Number of sequences (bp) added to database: 299305 ( 11005398711 bp )
% ls -al
total 13688540
drwxr-xr-x 2 rhubley repeat 188 Jul 16 10:42 ./
drwxr-xr-x 28 rhubley repeat 8192 Jul 10 13:36 ../
-rw-r--r-- 1 rhubley repeat 11340696 Jul 16 10:42 foo.nhr
-rw-r--r-- 1 rhubley repeat 3591744 Jul 16 10:42 foo.nin
-rw-r--r-- 1 rhubley repeat 424 Jul 16 10:42 foo.njs
-rw-r--r-- 1 rhubley repeat 2394440 Jul 16 10:42 foo.nnd
-rw-r--r-- 1 rhubley repeat 9404 Jul 16 10:42 foo.nni
-rw-r--r-- 1 rhubley repeat 1197252 Jul 16 10:42 foo.nog
-rw-r--r-- 1 rhubley repeat 2760204411 Jul 16 10:42 foo.nsq
-rw-r--r-- 1 rhubley repeat 7161395 Jul 16 10:40 foo.translation
-rw-r--r-- 1 rhubley repeat 11231130381 Jul 16 10:39 seq.fa
% wc -l foo.translation
299305 foo.translation
% fgrep -c ">" seq.fa
299305
I wonder if you might try rebuilding your database (with the full 12GB) and see if you have the full set of files .n (as above) and *.translation. Also check that *.translation contains the same number of lines as there are sequences in the the fasta file.

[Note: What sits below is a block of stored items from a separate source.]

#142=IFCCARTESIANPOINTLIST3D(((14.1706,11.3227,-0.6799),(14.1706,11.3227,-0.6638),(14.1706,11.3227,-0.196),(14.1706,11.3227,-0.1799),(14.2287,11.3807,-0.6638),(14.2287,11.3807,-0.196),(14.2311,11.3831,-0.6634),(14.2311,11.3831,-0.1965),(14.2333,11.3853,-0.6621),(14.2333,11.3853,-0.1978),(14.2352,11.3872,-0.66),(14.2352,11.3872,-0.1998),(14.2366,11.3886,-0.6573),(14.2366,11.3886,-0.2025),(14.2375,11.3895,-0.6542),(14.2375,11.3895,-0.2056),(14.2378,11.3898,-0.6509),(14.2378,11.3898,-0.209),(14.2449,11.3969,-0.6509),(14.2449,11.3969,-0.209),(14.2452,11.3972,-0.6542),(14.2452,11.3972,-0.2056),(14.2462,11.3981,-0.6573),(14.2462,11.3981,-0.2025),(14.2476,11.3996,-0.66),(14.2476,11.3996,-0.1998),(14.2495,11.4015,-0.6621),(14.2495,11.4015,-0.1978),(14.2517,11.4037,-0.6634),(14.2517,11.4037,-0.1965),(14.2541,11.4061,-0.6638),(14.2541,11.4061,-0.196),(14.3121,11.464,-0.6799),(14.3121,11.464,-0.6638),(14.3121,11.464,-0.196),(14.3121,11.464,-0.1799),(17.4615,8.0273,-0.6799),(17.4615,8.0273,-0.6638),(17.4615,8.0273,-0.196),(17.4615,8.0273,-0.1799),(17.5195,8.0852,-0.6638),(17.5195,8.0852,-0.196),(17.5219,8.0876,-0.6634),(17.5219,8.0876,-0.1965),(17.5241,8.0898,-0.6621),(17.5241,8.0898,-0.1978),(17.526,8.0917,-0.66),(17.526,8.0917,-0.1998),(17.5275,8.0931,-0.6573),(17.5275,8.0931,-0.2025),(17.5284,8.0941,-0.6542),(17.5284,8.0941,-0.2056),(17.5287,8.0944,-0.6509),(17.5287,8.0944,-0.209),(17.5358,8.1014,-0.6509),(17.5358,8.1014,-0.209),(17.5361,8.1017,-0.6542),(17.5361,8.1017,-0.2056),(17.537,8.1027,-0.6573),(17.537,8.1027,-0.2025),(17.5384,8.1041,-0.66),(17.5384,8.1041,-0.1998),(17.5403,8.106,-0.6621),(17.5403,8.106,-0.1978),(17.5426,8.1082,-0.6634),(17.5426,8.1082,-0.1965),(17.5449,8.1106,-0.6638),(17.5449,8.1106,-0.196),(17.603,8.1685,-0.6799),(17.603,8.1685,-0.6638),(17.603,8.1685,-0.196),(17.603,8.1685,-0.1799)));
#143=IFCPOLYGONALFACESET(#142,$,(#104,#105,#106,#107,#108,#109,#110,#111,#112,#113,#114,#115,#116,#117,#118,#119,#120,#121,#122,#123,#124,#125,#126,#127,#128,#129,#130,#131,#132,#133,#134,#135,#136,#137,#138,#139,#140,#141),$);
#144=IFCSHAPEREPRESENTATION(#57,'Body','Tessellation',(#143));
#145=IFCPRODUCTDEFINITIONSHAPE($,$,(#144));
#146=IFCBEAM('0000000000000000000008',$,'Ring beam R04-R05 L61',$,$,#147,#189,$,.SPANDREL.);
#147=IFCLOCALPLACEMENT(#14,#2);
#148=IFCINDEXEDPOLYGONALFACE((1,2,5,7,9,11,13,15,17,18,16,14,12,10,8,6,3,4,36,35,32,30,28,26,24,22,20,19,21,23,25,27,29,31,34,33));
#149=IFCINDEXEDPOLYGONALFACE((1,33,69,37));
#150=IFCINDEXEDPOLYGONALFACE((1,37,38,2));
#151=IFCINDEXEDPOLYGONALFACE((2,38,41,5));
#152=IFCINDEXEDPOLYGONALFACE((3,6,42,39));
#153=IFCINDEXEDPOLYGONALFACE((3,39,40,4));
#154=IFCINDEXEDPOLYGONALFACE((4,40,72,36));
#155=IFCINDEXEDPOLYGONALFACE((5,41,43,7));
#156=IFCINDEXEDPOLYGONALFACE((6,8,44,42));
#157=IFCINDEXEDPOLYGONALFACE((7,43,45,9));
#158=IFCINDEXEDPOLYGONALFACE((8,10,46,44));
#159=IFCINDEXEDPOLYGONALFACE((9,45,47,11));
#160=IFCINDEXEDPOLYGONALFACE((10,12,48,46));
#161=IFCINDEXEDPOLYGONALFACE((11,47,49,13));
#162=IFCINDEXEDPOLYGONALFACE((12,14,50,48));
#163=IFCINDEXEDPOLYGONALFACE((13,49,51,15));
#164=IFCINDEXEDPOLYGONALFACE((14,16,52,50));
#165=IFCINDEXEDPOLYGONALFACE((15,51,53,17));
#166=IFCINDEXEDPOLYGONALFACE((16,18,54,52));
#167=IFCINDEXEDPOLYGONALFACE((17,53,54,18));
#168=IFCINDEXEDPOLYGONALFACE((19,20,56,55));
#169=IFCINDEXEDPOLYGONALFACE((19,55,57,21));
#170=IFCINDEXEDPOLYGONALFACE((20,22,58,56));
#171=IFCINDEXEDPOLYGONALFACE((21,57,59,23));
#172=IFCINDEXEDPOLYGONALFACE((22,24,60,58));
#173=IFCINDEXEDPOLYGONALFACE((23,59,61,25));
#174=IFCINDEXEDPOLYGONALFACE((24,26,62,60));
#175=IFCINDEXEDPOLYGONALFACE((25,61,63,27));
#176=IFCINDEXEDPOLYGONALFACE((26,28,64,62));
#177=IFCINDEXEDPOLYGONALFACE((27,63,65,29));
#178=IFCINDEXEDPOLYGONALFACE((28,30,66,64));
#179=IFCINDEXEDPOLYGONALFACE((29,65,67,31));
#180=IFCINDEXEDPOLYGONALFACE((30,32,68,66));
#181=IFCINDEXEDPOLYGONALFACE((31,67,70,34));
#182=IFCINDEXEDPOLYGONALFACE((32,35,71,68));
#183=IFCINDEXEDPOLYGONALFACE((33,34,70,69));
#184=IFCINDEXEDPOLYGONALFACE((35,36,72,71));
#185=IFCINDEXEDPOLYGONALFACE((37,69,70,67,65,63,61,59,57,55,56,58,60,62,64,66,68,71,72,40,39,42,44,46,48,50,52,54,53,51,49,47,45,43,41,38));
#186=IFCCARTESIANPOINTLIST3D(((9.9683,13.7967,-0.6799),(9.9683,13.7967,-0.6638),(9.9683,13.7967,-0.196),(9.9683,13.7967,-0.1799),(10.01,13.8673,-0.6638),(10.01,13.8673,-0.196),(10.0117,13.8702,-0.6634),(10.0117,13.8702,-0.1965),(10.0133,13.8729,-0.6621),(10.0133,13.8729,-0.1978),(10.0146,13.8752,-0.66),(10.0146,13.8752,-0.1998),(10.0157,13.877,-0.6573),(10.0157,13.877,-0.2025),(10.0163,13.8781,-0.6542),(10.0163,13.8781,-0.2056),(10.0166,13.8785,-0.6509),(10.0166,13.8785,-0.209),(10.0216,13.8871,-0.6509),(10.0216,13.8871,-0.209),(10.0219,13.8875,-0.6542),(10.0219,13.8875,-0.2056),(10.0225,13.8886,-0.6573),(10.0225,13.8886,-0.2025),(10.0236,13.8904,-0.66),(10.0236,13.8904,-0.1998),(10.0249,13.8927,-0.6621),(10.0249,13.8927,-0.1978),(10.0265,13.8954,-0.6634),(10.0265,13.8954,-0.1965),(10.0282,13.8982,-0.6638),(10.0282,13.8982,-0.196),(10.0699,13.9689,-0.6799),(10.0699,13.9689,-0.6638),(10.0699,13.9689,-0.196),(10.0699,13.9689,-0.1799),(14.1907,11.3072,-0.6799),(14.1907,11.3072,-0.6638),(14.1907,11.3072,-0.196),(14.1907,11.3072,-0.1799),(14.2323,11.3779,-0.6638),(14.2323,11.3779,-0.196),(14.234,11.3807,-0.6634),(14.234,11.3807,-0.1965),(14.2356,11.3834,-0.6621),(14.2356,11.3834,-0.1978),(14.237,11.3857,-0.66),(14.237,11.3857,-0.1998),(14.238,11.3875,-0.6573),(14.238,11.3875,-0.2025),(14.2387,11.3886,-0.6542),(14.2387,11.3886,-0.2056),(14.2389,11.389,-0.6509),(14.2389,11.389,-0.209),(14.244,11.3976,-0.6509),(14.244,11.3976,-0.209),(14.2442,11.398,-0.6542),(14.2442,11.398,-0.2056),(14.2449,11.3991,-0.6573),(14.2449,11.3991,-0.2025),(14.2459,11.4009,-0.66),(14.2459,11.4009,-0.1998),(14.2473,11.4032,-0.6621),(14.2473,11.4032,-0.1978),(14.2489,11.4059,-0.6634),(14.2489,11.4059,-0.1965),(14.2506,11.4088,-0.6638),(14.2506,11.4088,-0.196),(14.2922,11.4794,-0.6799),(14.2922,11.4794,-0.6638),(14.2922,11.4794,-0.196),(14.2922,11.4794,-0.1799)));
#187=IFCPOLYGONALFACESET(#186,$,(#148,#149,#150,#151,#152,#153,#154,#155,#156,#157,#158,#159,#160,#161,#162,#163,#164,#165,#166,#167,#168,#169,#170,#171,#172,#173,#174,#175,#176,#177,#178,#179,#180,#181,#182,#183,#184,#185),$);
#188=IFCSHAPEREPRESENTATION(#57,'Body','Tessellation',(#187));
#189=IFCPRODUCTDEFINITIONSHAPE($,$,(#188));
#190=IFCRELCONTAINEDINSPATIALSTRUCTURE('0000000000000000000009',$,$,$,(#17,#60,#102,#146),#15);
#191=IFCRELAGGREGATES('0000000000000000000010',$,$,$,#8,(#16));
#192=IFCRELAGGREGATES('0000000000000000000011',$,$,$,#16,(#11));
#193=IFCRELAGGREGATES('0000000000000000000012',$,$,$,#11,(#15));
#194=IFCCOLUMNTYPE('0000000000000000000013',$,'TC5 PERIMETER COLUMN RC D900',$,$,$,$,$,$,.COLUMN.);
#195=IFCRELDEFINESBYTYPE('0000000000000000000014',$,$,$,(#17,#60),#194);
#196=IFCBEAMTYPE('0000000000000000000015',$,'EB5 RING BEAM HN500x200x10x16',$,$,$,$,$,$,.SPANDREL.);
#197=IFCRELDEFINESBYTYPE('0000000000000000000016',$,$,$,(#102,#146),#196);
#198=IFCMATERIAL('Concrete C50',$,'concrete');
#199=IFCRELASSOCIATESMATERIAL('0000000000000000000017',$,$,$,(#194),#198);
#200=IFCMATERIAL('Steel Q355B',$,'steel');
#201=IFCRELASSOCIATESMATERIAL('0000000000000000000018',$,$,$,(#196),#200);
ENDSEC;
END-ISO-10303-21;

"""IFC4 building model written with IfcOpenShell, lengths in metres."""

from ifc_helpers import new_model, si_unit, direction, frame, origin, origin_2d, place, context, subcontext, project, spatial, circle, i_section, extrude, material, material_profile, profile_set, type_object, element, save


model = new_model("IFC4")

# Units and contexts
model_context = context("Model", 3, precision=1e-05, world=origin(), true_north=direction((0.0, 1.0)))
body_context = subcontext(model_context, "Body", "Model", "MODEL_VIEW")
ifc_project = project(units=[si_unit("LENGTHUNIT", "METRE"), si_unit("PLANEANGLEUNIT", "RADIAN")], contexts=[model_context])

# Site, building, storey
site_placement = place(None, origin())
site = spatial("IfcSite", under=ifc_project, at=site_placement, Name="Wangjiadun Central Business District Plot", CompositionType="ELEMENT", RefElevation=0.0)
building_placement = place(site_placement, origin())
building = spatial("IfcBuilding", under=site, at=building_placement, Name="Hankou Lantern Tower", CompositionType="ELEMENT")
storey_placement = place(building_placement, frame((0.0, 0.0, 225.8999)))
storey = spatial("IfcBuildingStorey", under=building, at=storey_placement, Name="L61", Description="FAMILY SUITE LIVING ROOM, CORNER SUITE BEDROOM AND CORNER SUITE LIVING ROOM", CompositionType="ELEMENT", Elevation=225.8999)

I am not sure why that would be an issue. I just built a database with 11GB without a problem:
% ../BuildDatabase -name foo seq.fa Building database foo: Reading seq.fa... Number of sequences (bp) added to database: 299305 ( 11005398711 bp ) % ls -al total 13688540 drwxr-xr-x 2 rhubley repeat 188 Jul 16 10:42 ./ drwxr-xr-x 28 rhubley repeat 8192 Jul 10 13:36 ../ -rw-r--r-- 1 rhubley repeat 11340696 Jul 16 10:42 foo.nhr -rw-r--r-- 1 rhubley repeat 3591744 Jul 16 10:42 foo.nin -rw-r--r-- 1 rhubley repeat 424 Jul 16 10:42 foo.njs -rw-r--r-- 1 rhubley repeat 2394440 Jul 16 10:42 foo.nnd -rw-r--r-- 1 rhubley repeat 9404 Jul 16 10:42 foo.nni -rw-r--r-- 1 rhubley repeat 1197252 Jul 16 10:42 foo.nog -rw-r--r-- 1 rhubley repeat 2760204411 Jul 16 10:42 foo.nsq -rw-r--r-- 1 rhubley repeat 7161395 Jul 16 10:40 foo.translation -rw-r--r-- 1 rhubley repeat 11231130381 Jul 16 10:39 seq.fa % wc -l foo.translation 299305 foo.translation % fgrep -c ">" seq.fa 299305
I wonder if you might try rebuilding your database (with the full 12GB) and see if you have the full set of files .n (as above) and *.translation. Also check that *.translation contains the same number of lines as there are sequences in the the fasta file.
Yep, the building progress was fluent, but when to run RepeatModeler
, the issue came out.
Can you show me the listing of files and counts as I did in my example? I just want to make sure none of the sizes are off.